Ensemble learning methods combine a set of models to produce an estimator that
has better predictive performance than its individual components. A Random Forest
is a collection of decision trees that have been trained on randomly selected subsets
of the training instances and explanatory variables. Random forests usually make
predictions by returning the mode or mean of the predictions of their constituent
trees; scikit-learn's implementations return the mean of the trees' predictions.

Random forests are less prone to overfitting(Fit the training data perfectly, but do a very poor job of prediction on the test set) than decision trees because no single
tree can learn from all of the instances and explanatory variables; no single tree can
memorize all of the noise in the representation.

Here we will update our ad blocker's classifier to use a random forest.

In [9]:
# Replace the DecisionTreeClassifier using scikit-learn's API by replacing the object with an instance of RandomForestClassifier. Like the previous example, we will
# Importing the RandomForestClassifier class from the ensemble module:

from sklearn.ensemble import RandomForestClassifier

In [10]:
# Replacing the DecisionTreeClassifier in the pipeline with an instance of RandomForestClassifier and updating the hyperparameter space:

pipeline = Pipeline([
('clf', RandomForestClassifier(criterion='entropy'))
])
parameters = {
'clf__n_estimators': (5, 10, 20, 50),
'clf__max_depth': (50, 150, 250),
'clf__min_samples_split': (1, 2, 3),
'clf__min_samples_leaf': (1, 2, 3)
}

In [None]:
# Grid Search to find the values of the hyperparameters that produce the random forest with the best predictive performance.

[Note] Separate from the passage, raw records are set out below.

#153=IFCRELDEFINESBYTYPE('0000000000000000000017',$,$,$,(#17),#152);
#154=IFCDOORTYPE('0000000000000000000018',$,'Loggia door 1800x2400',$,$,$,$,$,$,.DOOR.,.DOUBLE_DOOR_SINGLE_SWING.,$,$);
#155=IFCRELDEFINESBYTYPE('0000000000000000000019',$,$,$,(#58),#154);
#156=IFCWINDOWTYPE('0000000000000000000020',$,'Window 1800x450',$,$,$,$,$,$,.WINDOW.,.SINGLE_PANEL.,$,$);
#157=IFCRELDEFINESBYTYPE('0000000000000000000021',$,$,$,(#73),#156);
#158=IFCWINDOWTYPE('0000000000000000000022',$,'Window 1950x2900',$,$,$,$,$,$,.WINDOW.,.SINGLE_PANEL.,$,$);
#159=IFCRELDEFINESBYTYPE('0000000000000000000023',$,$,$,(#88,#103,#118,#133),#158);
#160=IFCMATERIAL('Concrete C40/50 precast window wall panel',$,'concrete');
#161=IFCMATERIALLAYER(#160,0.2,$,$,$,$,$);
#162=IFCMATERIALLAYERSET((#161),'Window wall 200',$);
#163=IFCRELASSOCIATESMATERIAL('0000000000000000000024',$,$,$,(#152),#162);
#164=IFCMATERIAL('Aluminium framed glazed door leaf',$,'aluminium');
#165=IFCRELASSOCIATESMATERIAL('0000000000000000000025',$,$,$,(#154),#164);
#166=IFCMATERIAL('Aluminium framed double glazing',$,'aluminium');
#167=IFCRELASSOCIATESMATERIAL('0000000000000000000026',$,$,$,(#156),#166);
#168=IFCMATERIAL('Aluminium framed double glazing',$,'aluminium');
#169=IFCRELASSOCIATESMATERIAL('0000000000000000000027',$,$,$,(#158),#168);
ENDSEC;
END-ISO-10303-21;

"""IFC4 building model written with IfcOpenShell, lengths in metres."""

grid_search = GridSearchCV(pipeline, parameters, n_jobs=-1, verbose=1, scoring='f1')
grid_search.fit(X_train, y_train)
print 'Best score: %0.3f' % grid_search.best_score_
print 'Best parameters set:'
best_parameters = grid_search.best_estimator_.get_params()
for param_name in sorted(parameters.keys()):
    print('\t%s: %r' % (param_name, best_parameters[param_name]))

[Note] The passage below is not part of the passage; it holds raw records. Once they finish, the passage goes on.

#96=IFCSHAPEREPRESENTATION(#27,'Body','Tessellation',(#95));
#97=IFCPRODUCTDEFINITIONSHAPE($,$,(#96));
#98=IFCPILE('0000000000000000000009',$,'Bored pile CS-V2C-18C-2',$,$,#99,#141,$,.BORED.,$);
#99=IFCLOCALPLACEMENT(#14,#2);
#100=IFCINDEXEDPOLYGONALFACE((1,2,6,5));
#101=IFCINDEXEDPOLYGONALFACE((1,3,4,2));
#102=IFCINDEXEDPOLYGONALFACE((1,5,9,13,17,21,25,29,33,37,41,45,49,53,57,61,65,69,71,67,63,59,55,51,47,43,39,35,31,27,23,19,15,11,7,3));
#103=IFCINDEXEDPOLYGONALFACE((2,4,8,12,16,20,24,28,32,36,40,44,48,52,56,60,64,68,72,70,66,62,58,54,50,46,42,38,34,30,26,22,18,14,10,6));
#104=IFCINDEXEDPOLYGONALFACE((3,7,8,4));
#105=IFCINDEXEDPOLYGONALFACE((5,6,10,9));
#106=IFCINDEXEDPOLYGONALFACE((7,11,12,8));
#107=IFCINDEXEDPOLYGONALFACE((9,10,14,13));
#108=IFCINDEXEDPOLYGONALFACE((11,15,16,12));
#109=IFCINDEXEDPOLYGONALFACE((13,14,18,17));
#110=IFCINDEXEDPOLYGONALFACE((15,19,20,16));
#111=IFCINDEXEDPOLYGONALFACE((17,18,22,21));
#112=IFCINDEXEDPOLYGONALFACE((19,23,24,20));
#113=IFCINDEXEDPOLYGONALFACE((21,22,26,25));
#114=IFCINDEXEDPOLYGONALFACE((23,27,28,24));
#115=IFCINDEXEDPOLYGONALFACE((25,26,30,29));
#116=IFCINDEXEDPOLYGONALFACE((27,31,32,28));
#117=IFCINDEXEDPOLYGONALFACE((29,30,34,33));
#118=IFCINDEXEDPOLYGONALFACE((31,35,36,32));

predictions = grid_search.predict(X_test)
print(classification_report(y_test, predictions))

Replacing the single decision tree with a random forest resulted in a significant
reduction of the error rate; the random forest improves the precision and recall for
ads to 0.97 and 0.83.

## Summary
Thus here we discussed ensemble learning methods,
which combine the predictions from a set of models to produce an estimator with
better predictive performance. Finally, we used random forests to improve our decision tree model's performance in predicting whether or
not an image on a web page is a banner advertisement.